Father Bender’s in protective custody now, for thrashing the parish council chairman’s son because the parish council chairman’s son made use of the church wall instead of a tree or a lavatory. The boy is high up in the Hitler Youth, and as well as being parish council chairman, his father’s an old campaigner, and used to lead a detachment.

Algin’s book is not on the little table by the counter any more, because the National Socialists put it on a black list. Its trouble is that it’s demoralizing and offends against the basic will for reconstruction of the Third Reich. That’s what they said in the Nazi newspaper in Koblenz. My father wasn’t a National Socialist to start with, but he was all for a basic will for reconstruction.

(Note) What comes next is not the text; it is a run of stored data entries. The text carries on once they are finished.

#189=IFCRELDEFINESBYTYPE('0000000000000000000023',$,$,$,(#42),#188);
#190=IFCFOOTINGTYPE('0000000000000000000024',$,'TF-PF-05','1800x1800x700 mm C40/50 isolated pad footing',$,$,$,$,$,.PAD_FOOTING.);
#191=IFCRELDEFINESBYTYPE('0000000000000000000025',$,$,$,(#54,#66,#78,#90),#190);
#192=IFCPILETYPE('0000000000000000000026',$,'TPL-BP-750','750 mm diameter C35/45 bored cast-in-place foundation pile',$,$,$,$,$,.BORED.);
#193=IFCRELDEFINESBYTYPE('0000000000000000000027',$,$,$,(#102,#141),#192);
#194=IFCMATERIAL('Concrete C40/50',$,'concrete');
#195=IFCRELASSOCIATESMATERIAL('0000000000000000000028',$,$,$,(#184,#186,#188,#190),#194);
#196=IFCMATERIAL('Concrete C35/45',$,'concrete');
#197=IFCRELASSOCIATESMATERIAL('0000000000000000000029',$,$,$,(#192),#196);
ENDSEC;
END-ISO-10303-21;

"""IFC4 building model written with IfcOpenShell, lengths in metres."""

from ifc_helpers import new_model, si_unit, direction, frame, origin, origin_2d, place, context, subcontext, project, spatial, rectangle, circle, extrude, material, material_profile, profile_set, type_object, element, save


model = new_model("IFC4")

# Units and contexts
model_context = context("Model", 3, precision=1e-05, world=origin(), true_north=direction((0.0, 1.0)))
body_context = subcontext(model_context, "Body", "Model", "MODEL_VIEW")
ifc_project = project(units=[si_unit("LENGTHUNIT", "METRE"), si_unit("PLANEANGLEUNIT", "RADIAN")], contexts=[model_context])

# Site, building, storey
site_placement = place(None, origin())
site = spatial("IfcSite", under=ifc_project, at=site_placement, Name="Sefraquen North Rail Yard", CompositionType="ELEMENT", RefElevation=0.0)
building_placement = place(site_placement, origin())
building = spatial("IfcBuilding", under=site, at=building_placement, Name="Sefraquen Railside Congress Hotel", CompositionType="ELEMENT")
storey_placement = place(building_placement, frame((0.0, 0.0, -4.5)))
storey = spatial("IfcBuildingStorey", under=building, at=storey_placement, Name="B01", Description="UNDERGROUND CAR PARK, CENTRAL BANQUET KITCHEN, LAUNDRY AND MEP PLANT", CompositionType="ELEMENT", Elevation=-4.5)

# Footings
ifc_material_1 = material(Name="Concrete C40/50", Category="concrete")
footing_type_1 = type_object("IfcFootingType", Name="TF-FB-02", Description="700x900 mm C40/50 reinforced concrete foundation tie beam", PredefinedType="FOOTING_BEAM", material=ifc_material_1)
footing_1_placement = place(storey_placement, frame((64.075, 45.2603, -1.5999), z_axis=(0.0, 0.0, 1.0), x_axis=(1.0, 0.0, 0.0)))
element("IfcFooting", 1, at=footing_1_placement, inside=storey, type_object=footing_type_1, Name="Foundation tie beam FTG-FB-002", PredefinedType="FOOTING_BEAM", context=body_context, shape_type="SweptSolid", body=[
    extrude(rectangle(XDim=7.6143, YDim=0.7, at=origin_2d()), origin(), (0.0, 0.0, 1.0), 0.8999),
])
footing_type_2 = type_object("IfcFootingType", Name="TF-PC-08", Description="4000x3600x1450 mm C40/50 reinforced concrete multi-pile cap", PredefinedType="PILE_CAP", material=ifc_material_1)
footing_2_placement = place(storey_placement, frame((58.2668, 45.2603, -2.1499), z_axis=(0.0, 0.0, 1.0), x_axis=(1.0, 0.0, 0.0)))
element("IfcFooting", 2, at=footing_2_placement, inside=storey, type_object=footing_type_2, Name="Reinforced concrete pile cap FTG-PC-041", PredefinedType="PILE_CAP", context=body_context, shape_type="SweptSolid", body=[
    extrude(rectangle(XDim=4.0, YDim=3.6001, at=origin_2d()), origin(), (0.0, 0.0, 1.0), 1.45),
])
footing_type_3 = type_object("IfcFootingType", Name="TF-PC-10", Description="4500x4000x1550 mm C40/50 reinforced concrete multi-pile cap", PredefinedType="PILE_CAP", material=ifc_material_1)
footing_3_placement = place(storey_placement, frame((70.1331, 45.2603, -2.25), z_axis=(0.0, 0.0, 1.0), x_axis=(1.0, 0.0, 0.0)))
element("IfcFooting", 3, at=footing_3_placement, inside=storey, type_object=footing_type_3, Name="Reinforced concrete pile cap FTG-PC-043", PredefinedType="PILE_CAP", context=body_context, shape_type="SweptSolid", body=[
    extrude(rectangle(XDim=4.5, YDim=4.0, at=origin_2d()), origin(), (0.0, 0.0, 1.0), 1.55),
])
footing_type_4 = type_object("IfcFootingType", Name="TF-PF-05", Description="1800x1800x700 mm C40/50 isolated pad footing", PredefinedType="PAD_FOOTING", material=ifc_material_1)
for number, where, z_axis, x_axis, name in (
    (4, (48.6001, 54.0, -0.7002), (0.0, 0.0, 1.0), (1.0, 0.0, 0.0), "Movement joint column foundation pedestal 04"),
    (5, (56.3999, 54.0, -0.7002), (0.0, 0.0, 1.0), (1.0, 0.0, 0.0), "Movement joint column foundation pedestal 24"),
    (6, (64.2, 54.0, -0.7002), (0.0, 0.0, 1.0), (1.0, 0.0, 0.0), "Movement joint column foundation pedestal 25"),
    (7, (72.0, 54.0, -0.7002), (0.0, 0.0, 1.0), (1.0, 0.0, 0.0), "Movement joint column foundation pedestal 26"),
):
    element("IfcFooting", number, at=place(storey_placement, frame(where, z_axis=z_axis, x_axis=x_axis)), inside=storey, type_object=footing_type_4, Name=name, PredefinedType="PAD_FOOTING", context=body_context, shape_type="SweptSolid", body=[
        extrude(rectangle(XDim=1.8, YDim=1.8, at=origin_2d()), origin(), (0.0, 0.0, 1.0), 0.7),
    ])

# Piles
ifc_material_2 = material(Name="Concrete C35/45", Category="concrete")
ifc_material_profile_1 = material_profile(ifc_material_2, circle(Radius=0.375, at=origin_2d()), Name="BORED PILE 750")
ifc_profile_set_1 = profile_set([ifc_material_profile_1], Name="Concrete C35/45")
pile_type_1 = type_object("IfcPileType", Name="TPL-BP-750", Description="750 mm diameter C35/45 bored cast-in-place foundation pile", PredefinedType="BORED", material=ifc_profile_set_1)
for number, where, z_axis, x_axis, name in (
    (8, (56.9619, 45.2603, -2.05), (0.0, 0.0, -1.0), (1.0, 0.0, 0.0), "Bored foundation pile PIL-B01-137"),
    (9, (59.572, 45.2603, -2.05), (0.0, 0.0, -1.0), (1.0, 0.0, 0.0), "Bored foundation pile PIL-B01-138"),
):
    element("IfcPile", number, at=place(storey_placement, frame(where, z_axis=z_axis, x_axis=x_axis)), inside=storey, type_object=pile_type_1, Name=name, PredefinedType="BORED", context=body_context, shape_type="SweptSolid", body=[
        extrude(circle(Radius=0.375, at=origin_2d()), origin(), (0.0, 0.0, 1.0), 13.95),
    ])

Also, he had to think of his customers, so he hung a picture of the Führer over the settle instead of the framed article about Algin. It annoyed my father to think of Algin writing banned books, after he’d laid out good money on his education. After all, said my father, you have to show respect for the Führer, and the national emblem, and if Segebrecht, who keeps another local pub, has landed himself in a concentration camp, then it’s entirely his own fault. Segebrecht can certainly carry an amazing amount of drink, but he
will
keep putting it back, and it was one day when he was drunk that he painted a swastika on his lavatory floor. When Pitter Lambert came into the bar and asked what the idea was, he shouted at the top of his voice, “To show all the arseholes what they’ve gone and elected, that’s the idea.” Well, no good’s going to come of that kind of thing.

Anyway, Algin
had
made good, as everyone had to admit. I used to think it must be wonderful, and I’d have loved
to be brilliant and successful too, but now I wouldn’t really, not any more, because things can go wrong so quickly, and you never get much fun out of any of it in the long run, either.

When Algin was first famous he thought he’d go up in the world a bit, and he did, and now it’s a burden to him, one he can’t shake off. Since the new government banned one of Algin’s books, he has to be scrupulously careful what he writes, and he doesn’t earn much money any more. His entire life, his whole working day from morning to night, is spent making enough to pay for his apartment and the furniture. Because when he was first famous he rented an apartment with lovely big rooms on the main Bockenheim Road, where the most prosperous people in Frankfurt have always lived, and lovely lush magnolia trees bloom in the front gardens in spring.